Consumer confidence in Scotland has fallen to its lowest level in more than a year and below the UK-wide figure, new research indicates.
The latest Deloitte Consumer Tracker found consumer confidence in Scotland returned a net balance of -9% in the third quarters of 2018, down four percentage points on the previous quarter.
This marks its lowest level since the second quarter of 2017 and is lower than the UK-wide figure of -7%.
For Scotland, five out of six measures of confidence fell compared to the previous quarter, with optimism only growing regarding job opportunities and career progression which rose four percentage points to -4% in this period.
The main drivers of the overall fall in consumer confidence were plunging levels of optimist regarding general health and wellbeing, which dropped 18 percentage points to -16%, and a 12 percentage point drop in confidence around household disposable income, which fell to -24%.
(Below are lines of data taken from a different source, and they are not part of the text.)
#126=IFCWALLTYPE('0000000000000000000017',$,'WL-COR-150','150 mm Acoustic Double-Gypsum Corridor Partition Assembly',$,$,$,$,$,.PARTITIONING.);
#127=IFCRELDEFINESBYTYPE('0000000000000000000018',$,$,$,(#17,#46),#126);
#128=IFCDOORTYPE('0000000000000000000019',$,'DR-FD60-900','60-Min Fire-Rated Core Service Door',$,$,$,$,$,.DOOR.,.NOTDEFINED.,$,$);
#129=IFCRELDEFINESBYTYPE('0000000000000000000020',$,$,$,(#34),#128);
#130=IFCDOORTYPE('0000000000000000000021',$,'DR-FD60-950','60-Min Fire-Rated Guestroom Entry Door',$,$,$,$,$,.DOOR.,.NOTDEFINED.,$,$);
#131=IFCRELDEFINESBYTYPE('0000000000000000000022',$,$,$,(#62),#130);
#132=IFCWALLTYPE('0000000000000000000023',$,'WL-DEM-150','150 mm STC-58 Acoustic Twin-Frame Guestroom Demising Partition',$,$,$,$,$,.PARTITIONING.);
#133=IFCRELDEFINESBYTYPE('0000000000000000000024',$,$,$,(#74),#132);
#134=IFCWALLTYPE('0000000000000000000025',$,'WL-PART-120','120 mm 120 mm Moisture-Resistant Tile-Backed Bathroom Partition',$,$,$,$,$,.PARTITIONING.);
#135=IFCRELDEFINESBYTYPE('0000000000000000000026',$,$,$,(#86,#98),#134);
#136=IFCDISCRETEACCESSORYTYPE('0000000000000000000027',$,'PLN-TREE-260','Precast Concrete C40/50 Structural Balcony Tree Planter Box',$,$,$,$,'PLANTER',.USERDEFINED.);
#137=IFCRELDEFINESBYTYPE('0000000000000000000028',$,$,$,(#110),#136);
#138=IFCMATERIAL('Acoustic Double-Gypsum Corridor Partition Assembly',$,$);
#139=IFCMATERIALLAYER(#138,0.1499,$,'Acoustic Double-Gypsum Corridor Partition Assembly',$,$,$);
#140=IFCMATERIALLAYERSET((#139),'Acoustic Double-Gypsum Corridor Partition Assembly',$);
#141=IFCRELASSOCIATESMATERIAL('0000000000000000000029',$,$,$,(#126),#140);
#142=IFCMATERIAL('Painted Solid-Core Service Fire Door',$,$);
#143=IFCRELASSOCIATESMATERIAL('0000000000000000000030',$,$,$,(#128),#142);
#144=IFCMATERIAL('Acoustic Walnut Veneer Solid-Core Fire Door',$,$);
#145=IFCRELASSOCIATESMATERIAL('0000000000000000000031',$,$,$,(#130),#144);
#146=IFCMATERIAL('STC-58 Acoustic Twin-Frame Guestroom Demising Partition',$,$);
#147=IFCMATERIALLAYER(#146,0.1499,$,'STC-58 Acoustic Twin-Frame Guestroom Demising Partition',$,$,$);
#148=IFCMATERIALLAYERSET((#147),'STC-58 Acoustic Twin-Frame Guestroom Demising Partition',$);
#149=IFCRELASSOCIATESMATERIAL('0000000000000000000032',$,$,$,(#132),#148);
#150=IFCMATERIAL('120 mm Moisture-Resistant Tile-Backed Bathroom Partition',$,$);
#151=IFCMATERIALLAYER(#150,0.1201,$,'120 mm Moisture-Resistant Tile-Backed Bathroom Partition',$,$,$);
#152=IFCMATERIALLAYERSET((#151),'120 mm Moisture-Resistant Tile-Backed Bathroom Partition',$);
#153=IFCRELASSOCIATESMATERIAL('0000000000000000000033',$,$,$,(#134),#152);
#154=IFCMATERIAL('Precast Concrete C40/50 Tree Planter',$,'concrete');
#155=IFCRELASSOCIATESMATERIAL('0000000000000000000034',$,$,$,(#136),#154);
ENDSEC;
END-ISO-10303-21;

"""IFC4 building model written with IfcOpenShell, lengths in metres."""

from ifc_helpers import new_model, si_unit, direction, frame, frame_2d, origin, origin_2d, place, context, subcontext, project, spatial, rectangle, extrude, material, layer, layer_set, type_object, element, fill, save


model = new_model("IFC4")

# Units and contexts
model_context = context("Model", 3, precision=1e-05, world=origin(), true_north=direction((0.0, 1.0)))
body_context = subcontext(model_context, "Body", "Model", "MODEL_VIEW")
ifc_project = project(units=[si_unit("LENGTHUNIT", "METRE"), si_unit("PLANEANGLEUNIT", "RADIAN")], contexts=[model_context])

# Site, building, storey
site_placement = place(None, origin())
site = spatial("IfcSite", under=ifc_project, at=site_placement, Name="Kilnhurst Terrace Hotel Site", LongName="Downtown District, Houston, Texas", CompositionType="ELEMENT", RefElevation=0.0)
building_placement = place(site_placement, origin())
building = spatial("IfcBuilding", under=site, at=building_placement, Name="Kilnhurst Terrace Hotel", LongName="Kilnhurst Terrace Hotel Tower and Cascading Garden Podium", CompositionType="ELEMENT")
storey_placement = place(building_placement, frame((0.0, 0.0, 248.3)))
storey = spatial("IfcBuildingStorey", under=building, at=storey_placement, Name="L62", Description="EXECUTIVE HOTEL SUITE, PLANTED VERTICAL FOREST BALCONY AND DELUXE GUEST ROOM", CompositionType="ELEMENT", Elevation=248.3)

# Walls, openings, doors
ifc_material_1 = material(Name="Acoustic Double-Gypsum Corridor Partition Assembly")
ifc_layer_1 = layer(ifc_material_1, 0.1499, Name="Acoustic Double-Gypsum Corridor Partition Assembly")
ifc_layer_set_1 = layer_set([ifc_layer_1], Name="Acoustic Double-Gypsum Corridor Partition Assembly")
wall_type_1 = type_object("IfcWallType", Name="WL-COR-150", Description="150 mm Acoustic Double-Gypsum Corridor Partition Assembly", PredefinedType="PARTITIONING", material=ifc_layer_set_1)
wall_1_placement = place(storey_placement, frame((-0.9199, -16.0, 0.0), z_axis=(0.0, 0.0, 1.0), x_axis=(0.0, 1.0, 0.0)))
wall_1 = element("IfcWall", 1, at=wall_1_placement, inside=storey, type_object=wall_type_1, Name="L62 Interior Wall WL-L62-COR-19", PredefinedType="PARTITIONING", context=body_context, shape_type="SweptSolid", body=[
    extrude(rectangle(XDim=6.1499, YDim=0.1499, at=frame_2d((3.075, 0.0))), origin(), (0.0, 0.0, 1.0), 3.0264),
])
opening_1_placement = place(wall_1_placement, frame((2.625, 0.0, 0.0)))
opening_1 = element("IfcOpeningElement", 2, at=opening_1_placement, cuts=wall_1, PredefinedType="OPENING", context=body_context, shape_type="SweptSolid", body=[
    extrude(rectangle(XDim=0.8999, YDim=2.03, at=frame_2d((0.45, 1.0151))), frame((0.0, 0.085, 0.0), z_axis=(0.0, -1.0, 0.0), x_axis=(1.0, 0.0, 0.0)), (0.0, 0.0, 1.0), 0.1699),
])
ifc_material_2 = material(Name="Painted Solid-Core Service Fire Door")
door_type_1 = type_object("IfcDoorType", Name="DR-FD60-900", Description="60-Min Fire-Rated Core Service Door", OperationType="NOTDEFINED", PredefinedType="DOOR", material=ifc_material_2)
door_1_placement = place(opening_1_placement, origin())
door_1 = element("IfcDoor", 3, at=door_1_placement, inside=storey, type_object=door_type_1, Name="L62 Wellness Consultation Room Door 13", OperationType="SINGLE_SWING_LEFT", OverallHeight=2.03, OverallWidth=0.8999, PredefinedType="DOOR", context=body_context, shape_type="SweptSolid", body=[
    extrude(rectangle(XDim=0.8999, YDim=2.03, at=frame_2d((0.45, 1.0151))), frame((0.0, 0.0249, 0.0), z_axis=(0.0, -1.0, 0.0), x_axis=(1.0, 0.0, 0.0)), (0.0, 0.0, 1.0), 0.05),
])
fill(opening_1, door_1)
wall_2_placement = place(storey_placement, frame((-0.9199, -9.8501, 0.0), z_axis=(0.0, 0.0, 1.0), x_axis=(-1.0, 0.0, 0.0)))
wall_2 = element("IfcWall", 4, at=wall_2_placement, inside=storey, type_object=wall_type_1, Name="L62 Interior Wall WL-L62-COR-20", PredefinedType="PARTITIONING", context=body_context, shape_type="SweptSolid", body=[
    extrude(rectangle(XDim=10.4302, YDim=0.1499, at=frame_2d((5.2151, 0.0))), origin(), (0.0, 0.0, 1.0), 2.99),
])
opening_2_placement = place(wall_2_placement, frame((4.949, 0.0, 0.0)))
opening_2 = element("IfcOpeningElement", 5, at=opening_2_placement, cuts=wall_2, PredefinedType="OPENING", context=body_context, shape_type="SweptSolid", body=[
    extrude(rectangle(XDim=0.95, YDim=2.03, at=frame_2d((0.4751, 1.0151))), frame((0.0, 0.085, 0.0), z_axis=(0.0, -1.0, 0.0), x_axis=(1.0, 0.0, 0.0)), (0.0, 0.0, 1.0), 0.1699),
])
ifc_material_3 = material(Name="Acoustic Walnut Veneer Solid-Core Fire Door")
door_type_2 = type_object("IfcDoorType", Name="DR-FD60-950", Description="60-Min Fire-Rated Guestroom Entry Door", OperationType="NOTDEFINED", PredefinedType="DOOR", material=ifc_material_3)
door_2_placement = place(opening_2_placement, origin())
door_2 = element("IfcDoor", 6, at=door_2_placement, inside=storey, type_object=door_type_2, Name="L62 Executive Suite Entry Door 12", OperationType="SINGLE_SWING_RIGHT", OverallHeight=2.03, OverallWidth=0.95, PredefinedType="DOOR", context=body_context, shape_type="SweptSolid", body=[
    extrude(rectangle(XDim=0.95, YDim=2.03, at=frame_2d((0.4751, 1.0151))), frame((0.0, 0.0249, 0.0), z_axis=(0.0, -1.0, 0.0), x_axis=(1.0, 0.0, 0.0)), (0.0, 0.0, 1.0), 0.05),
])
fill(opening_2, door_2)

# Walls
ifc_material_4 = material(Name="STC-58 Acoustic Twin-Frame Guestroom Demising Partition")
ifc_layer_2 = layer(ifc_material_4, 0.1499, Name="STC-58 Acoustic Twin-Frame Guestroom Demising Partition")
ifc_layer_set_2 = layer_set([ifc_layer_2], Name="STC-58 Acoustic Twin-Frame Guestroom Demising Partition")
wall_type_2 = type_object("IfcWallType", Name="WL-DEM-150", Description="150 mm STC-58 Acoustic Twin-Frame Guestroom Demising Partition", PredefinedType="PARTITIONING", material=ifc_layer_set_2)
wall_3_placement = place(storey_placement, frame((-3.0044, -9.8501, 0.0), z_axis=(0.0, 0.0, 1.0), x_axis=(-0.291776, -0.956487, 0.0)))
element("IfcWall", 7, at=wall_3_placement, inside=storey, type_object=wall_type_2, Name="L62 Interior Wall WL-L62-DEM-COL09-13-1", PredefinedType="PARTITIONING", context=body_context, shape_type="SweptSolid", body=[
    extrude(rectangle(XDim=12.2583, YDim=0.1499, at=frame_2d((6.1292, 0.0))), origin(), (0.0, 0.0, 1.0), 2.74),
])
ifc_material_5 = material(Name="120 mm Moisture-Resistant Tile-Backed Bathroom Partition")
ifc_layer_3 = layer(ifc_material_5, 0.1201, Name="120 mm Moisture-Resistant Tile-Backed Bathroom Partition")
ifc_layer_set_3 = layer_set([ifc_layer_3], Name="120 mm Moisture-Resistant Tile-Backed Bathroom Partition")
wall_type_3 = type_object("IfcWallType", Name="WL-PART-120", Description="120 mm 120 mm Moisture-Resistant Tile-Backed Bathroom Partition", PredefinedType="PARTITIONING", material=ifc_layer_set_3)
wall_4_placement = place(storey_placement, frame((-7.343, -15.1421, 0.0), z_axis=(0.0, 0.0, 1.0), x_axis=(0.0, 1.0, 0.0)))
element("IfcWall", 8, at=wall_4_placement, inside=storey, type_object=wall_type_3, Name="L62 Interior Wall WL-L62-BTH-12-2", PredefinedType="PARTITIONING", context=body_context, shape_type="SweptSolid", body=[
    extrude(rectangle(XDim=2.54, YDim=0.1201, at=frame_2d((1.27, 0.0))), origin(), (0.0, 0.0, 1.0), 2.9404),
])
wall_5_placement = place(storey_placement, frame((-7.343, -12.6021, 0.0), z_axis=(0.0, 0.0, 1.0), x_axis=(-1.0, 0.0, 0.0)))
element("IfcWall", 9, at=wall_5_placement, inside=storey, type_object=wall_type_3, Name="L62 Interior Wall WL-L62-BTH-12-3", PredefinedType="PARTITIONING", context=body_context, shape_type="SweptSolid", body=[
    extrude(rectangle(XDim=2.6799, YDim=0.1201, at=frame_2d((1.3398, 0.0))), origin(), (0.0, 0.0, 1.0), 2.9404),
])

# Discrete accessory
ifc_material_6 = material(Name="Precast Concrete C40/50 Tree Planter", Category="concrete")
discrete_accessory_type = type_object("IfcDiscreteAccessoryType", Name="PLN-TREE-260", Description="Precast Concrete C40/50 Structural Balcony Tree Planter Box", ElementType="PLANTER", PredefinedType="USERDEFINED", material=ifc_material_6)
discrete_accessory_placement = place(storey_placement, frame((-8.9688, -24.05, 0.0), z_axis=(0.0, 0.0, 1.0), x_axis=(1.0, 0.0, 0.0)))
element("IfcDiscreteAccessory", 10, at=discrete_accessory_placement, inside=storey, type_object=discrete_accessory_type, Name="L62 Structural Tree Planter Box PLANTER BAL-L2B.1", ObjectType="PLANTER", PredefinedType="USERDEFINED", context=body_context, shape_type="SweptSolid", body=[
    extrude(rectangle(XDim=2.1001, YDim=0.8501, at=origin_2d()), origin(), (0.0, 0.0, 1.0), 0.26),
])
Ian Stewart, chief economist at Deloitte, said: “The reality of higher inflation and August’s interest rate rise has dented optimism about spending power.
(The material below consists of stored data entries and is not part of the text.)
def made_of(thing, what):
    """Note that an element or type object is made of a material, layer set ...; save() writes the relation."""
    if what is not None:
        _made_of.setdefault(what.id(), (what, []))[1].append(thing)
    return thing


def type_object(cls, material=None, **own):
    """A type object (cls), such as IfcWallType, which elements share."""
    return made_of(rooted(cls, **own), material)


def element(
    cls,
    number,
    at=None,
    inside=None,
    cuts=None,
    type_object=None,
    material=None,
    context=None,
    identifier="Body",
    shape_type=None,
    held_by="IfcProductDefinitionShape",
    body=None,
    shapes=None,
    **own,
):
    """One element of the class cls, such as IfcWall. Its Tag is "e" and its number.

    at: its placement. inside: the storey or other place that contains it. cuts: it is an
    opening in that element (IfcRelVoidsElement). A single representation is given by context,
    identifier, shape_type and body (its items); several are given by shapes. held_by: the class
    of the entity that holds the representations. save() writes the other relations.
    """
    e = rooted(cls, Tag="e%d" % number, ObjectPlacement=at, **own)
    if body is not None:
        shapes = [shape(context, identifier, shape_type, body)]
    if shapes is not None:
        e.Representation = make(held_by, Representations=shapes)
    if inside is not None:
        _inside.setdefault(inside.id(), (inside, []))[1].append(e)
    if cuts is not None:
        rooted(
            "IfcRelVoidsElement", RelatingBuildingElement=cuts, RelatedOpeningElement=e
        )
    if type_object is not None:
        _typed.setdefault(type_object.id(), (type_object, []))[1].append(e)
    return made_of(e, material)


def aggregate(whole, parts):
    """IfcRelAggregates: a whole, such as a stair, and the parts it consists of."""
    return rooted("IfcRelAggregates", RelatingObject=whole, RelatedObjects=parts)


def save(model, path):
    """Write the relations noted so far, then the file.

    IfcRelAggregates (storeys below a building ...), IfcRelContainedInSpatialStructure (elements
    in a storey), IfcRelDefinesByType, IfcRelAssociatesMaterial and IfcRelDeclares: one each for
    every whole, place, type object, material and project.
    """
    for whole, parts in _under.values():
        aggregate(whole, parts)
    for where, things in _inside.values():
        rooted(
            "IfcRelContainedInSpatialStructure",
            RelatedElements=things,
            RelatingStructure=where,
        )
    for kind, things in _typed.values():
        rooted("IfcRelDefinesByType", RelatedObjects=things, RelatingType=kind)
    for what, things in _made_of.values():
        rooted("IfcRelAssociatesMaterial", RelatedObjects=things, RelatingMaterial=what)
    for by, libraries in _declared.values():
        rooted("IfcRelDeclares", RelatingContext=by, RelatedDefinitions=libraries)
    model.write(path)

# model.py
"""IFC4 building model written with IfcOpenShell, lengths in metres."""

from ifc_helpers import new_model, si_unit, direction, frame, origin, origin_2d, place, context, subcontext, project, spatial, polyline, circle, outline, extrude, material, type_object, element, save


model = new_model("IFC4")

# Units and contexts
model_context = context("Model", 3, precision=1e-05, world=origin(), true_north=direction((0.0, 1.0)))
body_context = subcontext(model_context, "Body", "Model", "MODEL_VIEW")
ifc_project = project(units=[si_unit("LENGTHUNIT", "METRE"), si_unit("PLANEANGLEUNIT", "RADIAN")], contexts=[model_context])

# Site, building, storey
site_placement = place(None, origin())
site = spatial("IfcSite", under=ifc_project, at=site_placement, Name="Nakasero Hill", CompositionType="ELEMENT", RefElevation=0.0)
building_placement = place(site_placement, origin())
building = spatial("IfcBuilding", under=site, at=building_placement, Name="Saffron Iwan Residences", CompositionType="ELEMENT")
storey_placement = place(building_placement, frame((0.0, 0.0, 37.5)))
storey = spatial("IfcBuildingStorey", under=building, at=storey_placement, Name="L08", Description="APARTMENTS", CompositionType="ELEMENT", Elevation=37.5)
“Meanwhile uncertainty and the manner in which the UK exits the EU in less than six months’ time is creating an additional headwind for consumers.
“The softening in consumer confidence has occurred against a backdrop of firmer UK activity and further falls in unemployment.
“That such consumer-friendly conditions have failed to boost confidence testifies to the headwinds from inflation, interest rate rises and Brexit.”
The latest survey in the quarterly series took place between September 21 and 29 and involved 3,105 consumers across the UK, 371 of whom were in Scotland.